Indoor air quality – a new priority for indoor spaces?
It’s no secret that Americans have been leaving their jobs in record numbers as their priorities shift in a post-pandemic world. We wanted to find out what was fueling the hesitancy to return to work and to public spaces as a whole, so we set out to learn just that. Our survey revealed that 74 percent of North Americans feel anxious when entering spaces with poor indoor air quality.
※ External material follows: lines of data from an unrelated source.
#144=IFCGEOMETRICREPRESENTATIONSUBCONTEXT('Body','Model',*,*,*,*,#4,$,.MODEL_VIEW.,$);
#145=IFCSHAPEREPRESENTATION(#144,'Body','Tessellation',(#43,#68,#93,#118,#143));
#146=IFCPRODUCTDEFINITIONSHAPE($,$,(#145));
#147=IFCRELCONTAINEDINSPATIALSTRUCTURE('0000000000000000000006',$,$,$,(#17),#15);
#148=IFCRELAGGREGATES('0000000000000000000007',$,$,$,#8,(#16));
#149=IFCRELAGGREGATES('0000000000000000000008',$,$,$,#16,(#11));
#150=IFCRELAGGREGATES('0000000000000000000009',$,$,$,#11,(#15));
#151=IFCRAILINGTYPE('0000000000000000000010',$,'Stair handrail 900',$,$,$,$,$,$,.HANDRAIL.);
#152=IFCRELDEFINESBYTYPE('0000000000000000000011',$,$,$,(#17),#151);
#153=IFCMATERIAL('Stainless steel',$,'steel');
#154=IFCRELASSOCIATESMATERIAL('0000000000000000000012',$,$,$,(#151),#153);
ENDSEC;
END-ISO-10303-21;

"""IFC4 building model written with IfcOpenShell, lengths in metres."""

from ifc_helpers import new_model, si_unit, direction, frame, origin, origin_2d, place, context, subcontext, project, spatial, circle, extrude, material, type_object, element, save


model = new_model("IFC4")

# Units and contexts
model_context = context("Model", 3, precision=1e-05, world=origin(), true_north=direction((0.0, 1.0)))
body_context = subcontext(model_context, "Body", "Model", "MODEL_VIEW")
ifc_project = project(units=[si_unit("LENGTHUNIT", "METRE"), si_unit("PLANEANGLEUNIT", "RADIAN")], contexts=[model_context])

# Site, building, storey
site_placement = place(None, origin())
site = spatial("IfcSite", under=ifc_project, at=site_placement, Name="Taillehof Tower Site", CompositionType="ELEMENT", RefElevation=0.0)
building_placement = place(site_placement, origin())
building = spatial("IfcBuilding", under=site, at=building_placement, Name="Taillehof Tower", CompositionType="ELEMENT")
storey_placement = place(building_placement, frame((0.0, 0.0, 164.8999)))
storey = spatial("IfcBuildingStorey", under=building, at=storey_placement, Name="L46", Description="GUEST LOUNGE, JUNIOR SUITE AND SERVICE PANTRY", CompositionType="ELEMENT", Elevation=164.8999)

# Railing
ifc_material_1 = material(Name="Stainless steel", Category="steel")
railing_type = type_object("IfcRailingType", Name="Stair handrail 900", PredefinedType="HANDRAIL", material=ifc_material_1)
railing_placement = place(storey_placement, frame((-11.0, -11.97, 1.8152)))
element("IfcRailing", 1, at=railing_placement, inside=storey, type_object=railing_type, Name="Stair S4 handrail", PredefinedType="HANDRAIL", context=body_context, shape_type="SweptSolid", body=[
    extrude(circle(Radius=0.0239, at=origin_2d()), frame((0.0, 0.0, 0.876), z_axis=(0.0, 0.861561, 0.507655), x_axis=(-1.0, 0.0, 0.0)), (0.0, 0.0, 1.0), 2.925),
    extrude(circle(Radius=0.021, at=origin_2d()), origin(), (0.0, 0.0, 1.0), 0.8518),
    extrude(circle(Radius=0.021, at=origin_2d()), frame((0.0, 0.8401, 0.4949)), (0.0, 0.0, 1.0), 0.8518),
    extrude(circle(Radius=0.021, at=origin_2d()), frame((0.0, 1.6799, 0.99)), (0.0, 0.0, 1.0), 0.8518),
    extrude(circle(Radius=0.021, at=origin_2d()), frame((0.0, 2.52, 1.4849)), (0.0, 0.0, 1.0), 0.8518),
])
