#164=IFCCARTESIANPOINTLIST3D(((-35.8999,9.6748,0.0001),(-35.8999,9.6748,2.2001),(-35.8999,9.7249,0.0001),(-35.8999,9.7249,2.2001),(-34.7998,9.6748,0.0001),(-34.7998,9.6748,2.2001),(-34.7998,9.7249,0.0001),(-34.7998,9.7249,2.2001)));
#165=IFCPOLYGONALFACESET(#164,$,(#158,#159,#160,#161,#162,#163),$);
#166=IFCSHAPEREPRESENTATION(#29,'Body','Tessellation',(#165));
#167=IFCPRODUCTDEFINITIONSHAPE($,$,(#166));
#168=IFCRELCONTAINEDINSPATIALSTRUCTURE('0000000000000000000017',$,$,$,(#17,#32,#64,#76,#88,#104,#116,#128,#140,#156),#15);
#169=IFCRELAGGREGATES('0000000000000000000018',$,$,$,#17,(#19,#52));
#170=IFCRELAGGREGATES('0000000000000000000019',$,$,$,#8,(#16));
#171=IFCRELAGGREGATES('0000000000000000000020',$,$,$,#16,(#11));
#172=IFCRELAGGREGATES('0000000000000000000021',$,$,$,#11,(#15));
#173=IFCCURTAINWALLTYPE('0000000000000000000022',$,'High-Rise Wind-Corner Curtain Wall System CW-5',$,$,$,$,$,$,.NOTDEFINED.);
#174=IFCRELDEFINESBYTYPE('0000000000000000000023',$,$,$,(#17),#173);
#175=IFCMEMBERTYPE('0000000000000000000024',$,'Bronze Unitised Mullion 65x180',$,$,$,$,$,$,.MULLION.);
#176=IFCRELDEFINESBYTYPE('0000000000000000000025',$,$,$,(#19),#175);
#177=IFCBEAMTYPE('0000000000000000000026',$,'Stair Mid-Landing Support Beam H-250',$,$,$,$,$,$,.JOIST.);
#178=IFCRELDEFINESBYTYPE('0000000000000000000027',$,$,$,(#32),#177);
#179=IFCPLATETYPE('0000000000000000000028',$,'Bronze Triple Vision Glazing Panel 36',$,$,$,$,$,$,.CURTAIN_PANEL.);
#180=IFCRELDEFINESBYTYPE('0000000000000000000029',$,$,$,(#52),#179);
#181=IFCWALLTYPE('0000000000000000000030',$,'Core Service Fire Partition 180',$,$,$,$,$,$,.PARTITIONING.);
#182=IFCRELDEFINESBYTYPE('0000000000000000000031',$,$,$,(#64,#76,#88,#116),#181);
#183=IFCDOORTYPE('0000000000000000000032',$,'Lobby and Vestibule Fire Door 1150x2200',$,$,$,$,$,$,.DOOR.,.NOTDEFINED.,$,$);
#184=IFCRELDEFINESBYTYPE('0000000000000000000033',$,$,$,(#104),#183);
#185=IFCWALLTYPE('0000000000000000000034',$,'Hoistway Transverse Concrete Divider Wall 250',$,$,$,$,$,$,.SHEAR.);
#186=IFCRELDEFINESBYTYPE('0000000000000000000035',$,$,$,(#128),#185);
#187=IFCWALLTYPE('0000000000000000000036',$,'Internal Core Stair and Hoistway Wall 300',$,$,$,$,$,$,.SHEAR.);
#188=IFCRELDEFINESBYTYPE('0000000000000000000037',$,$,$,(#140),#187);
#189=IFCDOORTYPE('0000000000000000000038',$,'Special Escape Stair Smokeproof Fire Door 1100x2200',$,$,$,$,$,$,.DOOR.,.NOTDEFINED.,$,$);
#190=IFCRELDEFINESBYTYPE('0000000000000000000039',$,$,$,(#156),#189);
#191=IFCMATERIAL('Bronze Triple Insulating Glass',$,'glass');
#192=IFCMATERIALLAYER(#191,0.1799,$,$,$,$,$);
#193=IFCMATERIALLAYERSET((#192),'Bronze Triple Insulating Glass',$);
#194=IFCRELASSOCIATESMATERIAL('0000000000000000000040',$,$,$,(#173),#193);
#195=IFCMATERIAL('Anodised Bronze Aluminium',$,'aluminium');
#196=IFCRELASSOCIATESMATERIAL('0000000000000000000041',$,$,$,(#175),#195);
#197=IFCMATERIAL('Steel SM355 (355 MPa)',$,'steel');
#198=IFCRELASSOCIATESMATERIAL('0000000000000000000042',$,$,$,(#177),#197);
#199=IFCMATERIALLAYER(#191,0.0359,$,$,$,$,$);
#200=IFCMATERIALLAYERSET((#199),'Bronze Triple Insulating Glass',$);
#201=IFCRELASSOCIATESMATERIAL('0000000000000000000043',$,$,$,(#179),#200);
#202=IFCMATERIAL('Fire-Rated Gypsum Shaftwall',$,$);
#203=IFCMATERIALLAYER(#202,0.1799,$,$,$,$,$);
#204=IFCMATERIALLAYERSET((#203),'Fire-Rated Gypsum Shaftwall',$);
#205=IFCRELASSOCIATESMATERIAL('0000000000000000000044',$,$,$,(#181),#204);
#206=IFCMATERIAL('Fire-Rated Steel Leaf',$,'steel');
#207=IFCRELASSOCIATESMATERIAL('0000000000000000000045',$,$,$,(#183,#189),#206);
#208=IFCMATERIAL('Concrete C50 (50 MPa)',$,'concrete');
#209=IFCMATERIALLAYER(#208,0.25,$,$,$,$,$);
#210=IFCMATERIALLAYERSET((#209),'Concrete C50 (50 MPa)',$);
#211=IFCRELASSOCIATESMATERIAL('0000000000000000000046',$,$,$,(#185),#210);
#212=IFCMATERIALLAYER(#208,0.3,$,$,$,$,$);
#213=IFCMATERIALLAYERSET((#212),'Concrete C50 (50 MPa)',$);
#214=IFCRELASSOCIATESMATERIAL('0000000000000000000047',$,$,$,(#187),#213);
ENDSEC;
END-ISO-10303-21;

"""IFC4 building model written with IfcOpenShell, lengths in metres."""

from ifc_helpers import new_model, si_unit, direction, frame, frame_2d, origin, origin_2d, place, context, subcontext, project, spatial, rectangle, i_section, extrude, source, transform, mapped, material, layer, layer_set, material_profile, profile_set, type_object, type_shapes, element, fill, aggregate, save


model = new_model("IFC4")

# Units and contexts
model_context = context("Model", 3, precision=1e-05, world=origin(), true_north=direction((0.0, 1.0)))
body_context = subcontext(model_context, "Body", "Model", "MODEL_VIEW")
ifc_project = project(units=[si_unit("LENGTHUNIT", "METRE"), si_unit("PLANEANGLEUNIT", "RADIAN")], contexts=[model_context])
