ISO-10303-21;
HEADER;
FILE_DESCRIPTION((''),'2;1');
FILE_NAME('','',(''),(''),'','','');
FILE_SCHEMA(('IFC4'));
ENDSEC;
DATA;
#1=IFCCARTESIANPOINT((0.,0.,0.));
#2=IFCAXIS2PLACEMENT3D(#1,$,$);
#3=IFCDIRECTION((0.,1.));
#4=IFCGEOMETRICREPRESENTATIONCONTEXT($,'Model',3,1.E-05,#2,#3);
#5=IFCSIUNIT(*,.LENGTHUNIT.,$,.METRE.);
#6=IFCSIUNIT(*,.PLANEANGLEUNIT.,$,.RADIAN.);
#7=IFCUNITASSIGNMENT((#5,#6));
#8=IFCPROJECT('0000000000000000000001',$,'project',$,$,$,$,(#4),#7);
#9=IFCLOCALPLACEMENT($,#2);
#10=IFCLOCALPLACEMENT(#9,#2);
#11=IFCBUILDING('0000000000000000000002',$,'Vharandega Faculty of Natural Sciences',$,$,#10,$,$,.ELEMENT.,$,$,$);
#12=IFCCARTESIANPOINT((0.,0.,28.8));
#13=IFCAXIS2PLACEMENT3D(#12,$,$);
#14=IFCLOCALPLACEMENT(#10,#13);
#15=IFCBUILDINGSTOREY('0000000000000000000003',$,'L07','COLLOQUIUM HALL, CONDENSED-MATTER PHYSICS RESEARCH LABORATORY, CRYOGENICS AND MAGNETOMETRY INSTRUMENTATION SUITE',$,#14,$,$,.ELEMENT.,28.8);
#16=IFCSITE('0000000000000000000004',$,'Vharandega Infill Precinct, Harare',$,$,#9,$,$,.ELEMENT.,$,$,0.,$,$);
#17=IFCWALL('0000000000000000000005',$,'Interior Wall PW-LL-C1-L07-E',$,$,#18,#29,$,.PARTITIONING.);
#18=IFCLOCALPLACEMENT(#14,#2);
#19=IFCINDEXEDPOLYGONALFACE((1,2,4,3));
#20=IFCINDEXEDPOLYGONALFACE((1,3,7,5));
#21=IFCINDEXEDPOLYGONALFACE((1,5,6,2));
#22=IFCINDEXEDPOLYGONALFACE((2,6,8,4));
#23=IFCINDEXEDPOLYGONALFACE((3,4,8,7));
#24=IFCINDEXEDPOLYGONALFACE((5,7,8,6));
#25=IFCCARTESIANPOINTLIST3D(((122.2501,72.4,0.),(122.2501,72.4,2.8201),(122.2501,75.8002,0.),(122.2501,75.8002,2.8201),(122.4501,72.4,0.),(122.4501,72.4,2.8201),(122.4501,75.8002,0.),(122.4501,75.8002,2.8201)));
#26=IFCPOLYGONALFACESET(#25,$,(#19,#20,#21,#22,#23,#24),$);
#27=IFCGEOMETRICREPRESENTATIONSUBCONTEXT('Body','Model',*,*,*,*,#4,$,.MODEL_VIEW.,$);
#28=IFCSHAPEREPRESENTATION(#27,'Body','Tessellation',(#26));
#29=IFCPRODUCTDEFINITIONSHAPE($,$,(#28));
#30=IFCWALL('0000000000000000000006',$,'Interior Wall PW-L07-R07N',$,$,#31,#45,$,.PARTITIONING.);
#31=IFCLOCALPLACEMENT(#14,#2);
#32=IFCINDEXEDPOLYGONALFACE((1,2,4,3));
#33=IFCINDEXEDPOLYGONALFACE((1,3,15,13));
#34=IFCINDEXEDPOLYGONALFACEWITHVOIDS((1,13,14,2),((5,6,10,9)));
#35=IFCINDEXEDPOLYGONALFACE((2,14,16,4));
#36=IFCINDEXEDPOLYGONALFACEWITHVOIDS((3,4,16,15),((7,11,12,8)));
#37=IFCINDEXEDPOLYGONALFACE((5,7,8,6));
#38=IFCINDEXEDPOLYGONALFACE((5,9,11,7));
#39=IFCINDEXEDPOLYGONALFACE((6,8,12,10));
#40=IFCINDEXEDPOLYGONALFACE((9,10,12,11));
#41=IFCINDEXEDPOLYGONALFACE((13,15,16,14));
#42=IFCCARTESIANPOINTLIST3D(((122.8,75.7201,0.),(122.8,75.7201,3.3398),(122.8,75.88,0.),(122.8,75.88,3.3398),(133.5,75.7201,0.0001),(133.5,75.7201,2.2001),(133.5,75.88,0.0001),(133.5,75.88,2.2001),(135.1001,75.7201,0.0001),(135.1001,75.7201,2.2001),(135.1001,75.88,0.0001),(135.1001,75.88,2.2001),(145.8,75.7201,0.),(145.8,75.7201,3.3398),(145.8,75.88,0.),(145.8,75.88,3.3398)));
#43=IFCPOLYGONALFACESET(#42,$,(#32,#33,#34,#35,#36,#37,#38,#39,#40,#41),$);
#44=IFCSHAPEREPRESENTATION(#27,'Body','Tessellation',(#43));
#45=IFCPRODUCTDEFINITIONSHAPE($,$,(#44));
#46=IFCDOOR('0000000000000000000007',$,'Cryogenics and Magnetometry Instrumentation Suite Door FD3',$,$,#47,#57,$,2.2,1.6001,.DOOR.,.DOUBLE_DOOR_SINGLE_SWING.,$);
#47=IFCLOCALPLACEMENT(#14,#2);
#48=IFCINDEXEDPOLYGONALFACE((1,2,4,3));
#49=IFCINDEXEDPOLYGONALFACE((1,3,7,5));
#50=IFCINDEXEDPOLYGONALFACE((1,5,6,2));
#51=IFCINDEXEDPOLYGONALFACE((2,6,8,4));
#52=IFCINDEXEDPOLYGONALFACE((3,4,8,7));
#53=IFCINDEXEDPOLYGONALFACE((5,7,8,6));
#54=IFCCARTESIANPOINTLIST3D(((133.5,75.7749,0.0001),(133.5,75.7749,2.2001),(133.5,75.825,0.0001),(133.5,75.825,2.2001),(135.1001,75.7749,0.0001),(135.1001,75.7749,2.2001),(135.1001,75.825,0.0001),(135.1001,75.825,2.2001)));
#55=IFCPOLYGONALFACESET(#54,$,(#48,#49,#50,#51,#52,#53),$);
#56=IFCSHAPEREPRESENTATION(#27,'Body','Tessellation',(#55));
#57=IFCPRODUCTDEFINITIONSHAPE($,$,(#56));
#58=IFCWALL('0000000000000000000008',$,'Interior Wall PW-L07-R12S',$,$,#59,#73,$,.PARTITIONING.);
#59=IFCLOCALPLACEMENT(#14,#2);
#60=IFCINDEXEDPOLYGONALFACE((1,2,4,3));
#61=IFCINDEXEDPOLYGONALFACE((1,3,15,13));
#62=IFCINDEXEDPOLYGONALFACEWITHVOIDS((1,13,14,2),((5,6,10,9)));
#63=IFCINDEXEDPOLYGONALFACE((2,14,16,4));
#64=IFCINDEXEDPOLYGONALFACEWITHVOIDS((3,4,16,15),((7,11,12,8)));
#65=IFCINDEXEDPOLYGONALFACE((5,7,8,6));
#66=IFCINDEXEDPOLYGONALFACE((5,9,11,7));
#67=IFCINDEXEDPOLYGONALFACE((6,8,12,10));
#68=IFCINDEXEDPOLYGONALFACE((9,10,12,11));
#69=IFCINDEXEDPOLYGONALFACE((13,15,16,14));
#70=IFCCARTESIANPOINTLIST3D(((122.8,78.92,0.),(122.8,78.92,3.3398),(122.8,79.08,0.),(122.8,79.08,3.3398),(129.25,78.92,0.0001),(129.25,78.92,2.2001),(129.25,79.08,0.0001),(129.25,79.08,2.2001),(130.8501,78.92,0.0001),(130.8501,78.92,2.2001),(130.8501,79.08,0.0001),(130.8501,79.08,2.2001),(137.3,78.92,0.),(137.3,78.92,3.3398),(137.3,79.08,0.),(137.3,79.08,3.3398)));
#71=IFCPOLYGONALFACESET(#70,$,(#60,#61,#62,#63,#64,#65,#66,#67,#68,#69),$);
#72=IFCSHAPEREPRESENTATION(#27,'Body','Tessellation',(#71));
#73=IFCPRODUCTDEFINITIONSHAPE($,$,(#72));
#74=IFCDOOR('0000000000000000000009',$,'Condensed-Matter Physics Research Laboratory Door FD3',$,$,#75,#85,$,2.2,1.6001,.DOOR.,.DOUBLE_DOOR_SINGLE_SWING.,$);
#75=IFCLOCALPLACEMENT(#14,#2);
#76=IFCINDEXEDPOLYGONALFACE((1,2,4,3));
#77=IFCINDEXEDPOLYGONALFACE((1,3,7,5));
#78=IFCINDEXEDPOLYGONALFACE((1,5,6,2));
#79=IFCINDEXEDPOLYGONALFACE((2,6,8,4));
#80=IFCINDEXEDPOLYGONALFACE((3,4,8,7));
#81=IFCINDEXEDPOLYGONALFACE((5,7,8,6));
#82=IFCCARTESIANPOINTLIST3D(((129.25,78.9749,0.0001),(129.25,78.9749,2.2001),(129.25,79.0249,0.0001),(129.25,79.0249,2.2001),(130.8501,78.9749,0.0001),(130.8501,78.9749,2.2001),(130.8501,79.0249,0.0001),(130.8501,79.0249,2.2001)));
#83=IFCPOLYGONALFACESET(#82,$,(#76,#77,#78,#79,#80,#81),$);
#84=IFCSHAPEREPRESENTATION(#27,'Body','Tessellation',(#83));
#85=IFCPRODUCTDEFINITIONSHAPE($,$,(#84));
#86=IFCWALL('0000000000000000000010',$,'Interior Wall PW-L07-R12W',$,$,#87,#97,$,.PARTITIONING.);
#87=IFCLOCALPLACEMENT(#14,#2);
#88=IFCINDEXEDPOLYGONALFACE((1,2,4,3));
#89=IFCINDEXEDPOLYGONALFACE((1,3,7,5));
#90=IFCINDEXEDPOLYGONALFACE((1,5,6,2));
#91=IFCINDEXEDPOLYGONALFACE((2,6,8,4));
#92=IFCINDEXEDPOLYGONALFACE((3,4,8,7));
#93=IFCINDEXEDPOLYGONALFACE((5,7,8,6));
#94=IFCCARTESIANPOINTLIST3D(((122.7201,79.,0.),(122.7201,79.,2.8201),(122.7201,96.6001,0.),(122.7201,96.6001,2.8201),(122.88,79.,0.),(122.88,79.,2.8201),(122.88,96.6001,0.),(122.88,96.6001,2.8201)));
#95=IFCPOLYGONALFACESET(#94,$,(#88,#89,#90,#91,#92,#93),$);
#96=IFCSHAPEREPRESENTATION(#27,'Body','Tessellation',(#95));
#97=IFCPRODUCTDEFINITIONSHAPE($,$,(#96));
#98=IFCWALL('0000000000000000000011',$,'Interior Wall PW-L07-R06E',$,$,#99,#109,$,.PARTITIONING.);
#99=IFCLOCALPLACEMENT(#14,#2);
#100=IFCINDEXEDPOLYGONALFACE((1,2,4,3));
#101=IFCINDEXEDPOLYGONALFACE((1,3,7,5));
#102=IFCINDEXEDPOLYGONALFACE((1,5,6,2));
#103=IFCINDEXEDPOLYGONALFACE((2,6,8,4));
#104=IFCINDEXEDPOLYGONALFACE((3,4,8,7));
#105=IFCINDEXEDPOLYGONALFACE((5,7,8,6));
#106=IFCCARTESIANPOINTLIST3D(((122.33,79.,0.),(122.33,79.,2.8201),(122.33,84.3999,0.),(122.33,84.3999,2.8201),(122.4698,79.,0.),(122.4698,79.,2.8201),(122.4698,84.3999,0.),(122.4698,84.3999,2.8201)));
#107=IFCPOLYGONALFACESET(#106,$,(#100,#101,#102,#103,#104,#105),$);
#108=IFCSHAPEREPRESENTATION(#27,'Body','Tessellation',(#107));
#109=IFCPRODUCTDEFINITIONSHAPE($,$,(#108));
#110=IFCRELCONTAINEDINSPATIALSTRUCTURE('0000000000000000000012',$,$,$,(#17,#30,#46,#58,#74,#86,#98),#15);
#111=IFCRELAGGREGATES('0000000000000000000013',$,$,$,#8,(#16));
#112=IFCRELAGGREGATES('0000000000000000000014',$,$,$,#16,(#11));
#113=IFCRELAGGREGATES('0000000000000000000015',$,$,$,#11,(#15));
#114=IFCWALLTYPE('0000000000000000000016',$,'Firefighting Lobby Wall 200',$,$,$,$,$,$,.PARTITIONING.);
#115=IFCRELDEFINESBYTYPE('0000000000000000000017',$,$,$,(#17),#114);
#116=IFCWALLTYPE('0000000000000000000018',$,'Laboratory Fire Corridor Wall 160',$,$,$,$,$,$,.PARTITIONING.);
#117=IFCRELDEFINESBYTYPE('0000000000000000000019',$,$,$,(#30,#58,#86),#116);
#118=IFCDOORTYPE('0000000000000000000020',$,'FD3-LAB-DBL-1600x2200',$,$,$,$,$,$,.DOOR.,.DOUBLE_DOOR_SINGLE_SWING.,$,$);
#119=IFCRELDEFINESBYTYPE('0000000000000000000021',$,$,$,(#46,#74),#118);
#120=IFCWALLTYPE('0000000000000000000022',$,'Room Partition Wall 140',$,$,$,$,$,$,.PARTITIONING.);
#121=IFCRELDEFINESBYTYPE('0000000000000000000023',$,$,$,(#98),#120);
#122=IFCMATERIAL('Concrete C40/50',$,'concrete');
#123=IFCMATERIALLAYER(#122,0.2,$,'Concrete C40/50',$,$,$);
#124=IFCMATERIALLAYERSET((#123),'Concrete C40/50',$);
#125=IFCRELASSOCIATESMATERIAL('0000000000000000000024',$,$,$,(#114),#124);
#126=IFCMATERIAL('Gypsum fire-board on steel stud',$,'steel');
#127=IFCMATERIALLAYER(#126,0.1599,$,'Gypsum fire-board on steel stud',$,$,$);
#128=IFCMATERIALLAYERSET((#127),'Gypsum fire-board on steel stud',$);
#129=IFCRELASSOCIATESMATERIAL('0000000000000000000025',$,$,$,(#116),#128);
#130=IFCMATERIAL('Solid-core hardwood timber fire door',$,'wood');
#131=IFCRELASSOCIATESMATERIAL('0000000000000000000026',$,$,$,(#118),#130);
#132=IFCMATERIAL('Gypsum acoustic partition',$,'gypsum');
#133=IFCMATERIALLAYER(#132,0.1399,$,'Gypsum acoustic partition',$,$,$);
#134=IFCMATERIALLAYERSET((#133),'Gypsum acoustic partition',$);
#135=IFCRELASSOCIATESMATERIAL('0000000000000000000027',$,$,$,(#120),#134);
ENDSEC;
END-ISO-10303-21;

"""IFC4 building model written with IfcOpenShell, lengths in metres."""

from ifc_helpers import new_model, si_unit, direction, frame, frame_2d, origin, place, context, subcontext, project, spatial, rectangle, extrude, material, layer, layer_set, type_object, element, fill, save


model = new_model("IFC4")

# Units and contexts
model_context = context("Model", 3, precision=1e-05, world=origin(), true_north=direction((0.0, 1.0)))
body_context = subcontext(model_context, "Body", "Model", "MODEL_VIEW")
ifc_project = project(units=[si_unit("LENGTHUNIT", "METRE"), si_unit("PLANEANGLEUNIT", "RADIAN")], contexts=[model_context])

# Site, building, storey
site_placement = place(None, origin())
site = spatial("IfcSite", under=ifc_project, at=site_placement, Name="Vharandega Infill Precinct, Harare", CompositionType="ELEMENT", RefElevation=0.0)
building_placement = place(site_placement, origin())
building = spatial("IfcBuilding", under=site, at=building_placement, Name="Vharandega Faculty of Natural Sciences", CompositionType="ELEMENT")
storey_placement = place(building_placement, frame((0.0, 0.0, 28.8)))
storey = spatial("IfcBuildingStorey", under=building, at=storey_placement, Name="L07", Description="COLLOQUIUM HALL, CONDENSED-MATTER PHYSICS RESEARCH LABORATORY, CRYOGENICS AND MAGNETOMETRY INSTRUMENTATION SUITE", CompositionType="ELEMENT", Elevation=28.8)

# Shared definitions
ifc_material_1 = material(Name="Concrete C40/50", Category="concrete")
ifc_layer_1 = layer(ifc_material_1, 0.2, Name="Concrete C40/50")
ifc_layer_set_1 = layer_set([ifc_layer_1], Name="Concrete C40/50")
wall_type_1 = type_object("IfcWallType", Name="Firefighting Lobby Wall 200", PredefinedType="PARTITIONING", material=ifc_layer_set_1)

# Wall
wall_1_placement = place(storey_placement, frame((122.3501, 72.3999, 0.0), z_axis=(0.0, 0.0, 1.0), x_axis=(0.0, 1.0, 0.0)))
element("IfcWall", 1, at=wall_1_placement, inside=storey, type_object=wall_type_1, Name="Interior Wall PW-LL-C1-L07-E", PredefinedType="PARTITIONING", context=body_context, shape_type="SweptSolid", body=[
    extrude(rectangle(XDim=3.4001, YDim=0.2, at=frame_2d((1.7002, 0.0))), origin(), (0.0, 0.0, 1.0), 2.8201),
])

# Walls, openings, doors
ifc_material_2 = material(Name="Gypsum fire-board on steel stud", Category="steel")
ifc_layer_2 = layer(ifc_material_2, 0.1599, Name="Gypsum fire-board on steel stud")
ifc_layer_set_2 = layer_set([ifc_layer_2], Name="Gypsum fire-board on steel stud")
wall_type_2 = type_object("IfcWallType", Name="Laboratory Fire Corridor Wall 160", PredefinedType="PARTITIONING", material=ifc_layer_set_2)
wall_2_placement = place(storey_placement, frame((122.8, 75.8, 0.0), z_axis=(0.0, 0.0, 1.0), x_axis=(1.0, 0.0, 0.0)))
wall_2 = element("IfcWall", 2, at=wall_2_placement, inside=storey, type_object=wall_type_2, Name="Interior Wall PW-L07-R07N", PredefinedType="PARTITIONING", context=body_context, shape_type="SweptSolid", body=[
    extrude(rectangle(XDim=23.0, YDim=0.1599, at=frame_2d((11.5, 0.0))), origin(), (0.0, 0.0, 1.0), 3.3398),
])
opening_1_placement = place(wall_2_placement, frame((10.7, 0.0, 0.0)))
This heightened anxiety has led to a shift in priorities for many adults who work, learn and operate in indoor spaces.
Read on to discover more of our findings. Our insights provide context around where businesses should be investing their resources to create smarter, healthier spaces moving forward.
The Great Resignation
Roughly 33 million North Americans quit their jobs since Spring 2021. Economists and employment experts have dubbed this mass exodus, “The Great Resignation.” Our recent survey of 3,000 U.S. and Canadian adults discovered that 76 percent of North Americans would consider joining this “Great Resignation” if wellness factors such as work, life and health balance, indoor air quality, hygiene and cleanliness, mental health support and access to green space or plants were not provided by their employers.
“As we continue to struggle with consequences of COVID-19, and as employees gradually return to workplaces and general public spaces, it is clear priorities have shifted with health, safety and wellbeing at the forefront of concerns,” said Matt Hayas, Director of Product and Innovation at Ambius.
The survey also found that 69 percent of people said their workspaces need better investment in health, hygiene and safety, while 62 percent said the same about restaurants and retail. This increased emphasis on smarter, healthier public spaces is underlined by the fact that 73 percent would consider paying higher prices for products and services if the environment had better air quality and health and safety measures than the cheaper alternative.
The mental health impact of work
It is clear the environment of public spaces plays a critical role in people’s mental health and wellness, with 57 percent of North Americans placing a higher value on work, life and health balance since the start of the pandemic.
One in two North Americans also noted feeling fogginess and tiredness at the end of their workday at present. Whether this is due to workload, general balance or environmental factors, it demonstrates the increasing awareness people have of how their work impacts their overall mental health.
Improvements in physical workspaces
For those in physical workspaces, the survey results show how 70 percent think their workplace air quality certainly needs improving, and 39 percent describe their current condition as either average, poor or bad.
“Based on our research, the data shows that people everywhere are keen for investment in smarter, healthier spaces in all walks of life,” said Hayas. “They want better air quality, green space provision and overall support when it comes to mental and physical health. All of these areas will be essential for current and future employees, as well as everyone entering public or leisure spaces, with people wanting to feel safe and in healthy environments wherever they go.”